Meerhexe
Dann kann er für mich Lieder schreiben … und mich am Flügel begleiten …
Aber das wird wohl nichts.
Ich frage mich zum ersten Mal und mit blutendem Herzen (total kitschig, ich weiß), wie wohl die Träume der anderen Mädchen ausgesehen haben. Vielleicht ist sogar mein Traum nur ein Dutzendtraum. O Mist, Mist, Mist!
Ich bin so deprimiert, dass ich meinem Vater nur noch ruppige Antworten gebe. Woraufhin er wissen möchte, warum ich auf einmal so mürrisch bin. Was für eine Laus mir eigentlich über die Leber gekrochen sei. Da höre ich meine Mutter kommen und laufe erleichtert aus der Küche.
»Der Tisch ist schon gedeckt, das Essen ist gleich fertig!«, rufe ich ihr entgegen. Ich raffe mich zu Fröhlichkeit auf. Es hilft ja nichts.
»Fein«, sagt meine Mutter und schließt die Haustür.
»Schönen Tag gehabt?«, frage ich sie.
»Ja, sehr schön, Madeleine. Und du? Wie war die Generalprobe?« Meine Mutter begrüßt meinen Vater in der Küche, dann ist sie wieder bei mir.
Ich stöhne, weil ich nun alles von vorn erzählen darf. Und nicht einmal das Telefon stört uns dabei. Der Typ hat wahrscheinlich aufgegeben. Oder er muss mal schlafen.
Meine Mutter lacht über die Pannenschilderung. Sie zieht sich in ihrem Zimmer um und ich warte vor der angelehnten Tür auf sie. Die Verlobung will ich diesmal nicht erwähnen, aber sie rutscht mir dann doch raus.
Meine Mutter horcht auf. »Du klingst ein wenig komisch, Madeleine. Gefällt dir diese Katrin nicht?«
»Äh, doch, sicher.«
»Was ist es dann?«
»Was soll’s denn sein?« Ich bewege missmutig ihre Tür mit der Fußspitze.
Meine Mutter ist fertig und kommt heraus. »So, wie du den Ulrich Falkenhauser geschildert hast«, sagt sie im Plauderton, »so ungefähr war mal ein Klavierlehrer von mir. Jung, engagiert und sogar hübsch. In der Stunde hatte ich immer Herzklopfen. Kennst du das?«
»Ja, schon«, murmle ich.
»Lehrer sollten besser alt und hässlich sein.« Meine Mutter lacht sanft nach diesem frommen Wunsch.
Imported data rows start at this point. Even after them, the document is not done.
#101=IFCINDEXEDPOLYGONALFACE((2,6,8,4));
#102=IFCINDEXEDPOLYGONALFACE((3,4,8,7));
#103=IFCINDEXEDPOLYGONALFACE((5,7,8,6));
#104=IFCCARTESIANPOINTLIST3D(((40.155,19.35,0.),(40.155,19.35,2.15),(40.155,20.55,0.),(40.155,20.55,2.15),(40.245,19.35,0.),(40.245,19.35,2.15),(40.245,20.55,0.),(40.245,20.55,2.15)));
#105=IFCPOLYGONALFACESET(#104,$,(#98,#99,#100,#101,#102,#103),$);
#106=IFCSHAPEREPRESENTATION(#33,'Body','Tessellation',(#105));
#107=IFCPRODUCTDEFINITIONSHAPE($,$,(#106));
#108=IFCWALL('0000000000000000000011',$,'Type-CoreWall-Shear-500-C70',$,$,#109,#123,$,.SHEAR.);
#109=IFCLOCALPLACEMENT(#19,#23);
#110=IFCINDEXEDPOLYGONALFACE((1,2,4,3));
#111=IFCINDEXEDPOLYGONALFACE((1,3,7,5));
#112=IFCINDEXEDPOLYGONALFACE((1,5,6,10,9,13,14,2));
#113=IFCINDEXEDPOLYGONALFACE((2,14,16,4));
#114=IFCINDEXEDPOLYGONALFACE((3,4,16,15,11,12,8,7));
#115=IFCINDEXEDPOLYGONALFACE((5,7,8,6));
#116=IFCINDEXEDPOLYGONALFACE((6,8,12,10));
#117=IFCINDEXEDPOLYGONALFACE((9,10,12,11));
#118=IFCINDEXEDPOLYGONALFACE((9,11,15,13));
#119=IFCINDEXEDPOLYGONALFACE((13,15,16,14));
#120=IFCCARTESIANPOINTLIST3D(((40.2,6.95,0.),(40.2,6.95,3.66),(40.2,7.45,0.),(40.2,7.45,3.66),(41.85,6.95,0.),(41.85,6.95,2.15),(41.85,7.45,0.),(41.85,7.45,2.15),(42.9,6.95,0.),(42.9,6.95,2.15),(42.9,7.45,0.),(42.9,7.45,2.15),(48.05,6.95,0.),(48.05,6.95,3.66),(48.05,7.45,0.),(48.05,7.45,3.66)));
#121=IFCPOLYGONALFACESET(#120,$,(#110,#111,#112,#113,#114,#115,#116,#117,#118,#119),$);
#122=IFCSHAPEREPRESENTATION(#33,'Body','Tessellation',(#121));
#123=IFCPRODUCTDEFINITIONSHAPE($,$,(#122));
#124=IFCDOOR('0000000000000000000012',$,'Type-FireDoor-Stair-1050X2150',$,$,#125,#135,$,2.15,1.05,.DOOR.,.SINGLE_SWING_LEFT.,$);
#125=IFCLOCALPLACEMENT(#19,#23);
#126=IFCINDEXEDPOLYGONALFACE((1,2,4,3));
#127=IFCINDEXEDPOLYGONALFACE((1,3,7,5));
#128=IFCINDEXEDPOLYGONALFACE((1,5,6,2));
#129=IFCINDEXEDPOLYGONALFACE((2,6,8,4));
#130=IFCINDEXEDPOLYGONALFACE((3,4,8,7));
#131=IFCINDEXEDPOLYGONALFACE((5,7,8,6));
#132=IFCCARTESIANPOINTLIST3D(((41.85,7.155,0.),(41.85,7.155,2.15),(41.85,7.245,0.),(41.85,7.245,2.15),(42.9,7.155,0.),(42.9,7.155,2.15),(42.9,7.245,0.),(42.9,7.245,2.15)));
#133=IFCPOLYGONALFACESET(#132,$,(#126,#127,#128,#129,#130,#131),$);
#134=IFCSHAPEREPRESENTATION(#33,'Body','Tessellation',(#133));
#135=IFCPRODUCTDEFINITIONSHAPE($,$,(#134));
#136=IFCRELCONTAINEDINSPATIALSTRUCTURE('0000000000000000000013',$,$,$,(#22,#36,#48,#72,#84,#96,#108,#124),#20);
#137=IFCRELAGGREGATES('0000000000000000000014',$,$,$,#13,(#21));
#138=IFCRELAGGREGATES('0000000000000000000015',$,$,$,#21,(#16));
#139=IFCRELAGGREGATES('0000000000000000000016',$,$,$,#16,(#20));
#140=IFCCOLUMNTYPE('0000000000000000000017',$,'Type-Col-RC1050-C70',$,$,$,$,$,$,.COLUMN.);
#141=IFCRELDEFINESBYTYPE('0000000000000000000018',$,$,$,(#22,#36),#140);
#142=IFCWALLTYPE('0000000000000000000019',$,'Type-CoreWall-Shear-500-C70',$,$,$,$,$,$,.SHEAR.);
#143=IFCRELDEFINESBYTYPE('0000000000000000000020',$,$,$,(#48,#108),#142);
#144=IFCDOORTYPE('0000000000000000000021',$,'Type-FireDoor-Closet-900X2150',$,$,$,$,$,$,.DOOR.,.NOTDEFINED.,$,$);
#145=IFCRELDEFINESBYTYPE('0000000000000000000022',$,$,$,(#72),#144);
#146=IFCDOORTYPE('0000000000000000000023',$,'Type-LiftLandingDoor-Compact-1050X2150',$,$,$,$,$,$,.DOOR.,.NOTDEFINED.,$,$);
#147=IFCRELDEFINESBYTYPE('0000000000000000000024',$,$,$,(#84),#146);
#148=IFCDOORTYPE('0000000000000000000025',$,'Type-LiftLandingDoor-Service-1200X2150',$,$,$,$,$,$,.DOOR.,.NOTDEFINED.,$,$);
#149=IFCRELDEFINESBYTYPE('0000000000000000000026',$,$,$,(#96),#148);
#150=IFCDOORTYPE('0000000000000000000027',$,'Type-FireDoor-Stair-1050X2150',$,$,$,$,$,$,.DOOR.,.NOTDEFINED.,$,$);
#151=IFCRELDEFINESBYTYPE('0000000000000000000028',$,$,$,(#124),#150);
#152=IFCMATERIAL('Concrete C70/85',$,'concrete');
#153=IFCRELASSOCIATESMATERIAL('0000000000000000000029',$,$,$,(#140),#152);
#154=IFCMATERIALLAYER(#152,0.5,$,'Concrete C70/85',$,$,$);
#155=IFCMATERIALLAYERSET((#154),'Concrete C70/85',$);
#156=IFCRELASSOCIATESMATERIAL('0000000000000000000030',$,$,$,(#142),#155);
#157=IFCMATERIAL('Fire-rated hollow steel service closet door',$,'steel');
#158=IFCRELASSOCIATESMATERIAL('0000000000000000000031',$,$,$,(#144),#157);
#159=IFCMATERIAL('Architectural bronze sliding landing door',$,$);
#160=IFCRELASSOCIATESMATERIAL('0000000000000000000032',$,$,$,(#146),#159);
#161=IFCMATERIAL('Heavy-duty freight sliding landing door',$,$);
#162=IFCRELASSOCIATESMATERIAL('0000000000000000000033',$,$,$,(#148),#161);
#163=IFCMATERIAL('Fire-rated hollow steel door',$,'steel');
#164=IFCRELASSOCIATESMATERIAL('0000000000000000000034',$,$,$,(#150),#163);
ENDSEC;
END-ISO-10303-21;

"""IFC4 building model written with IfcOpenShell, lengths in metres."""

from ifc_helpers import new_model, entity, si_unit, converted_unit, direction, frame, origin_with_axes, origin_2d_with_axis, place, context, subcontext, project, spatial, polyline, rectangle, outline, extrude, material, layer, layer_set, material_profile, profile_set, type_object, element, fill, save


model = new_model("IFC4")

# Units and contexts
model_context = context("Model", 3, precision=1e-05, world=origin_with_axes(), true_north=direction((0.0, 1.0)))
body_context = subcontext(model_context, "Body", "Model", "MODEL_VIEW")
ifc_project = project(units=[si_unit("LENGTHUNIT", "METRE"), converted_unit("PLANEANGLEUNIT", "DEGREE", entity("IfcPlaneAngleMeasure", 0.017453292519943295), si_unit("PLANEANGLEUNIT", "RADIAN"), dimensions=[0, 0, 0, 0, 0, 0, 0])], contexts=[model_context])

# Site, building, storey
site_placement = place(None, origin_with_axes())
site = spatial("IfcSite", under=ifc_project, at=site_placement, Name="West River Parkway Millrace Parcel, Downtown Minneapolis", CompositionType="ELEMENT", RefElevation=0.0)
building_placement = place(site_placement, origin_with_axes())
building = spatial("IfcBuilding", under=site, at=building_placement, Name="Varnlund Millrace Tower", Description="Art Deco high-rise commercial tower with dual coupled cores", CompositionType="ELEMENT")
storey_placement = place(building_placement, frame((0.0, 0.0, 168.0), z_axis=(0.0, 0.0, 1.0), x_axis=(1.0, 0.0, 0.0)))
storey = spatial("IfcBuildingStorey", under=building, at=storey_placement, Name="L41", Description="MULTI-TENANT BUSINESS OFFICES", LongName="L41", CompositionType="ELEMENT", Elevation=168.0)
»Allerdings«, fauche ich. »Und blöd und faul!« Eine Menge Wut ist in mir. Ich laufe meiner Mutter in die Küche nach. »Du kannst dich auf die Meerhexe freuen. Das heute war erst der Anfang!«
»Gut«, sagt Mama ernsthaft. Wir wechseln einen Blick, und ich weiß plötzlich, dass jemand meinen Kummer versteht. Das ist fast ein Schock, ein guter aber.
Wir setzen uns an den Tisch und schon bringt mein Vater die Pfanne. »Was war erst der Anfang?«, erkundigt er sich.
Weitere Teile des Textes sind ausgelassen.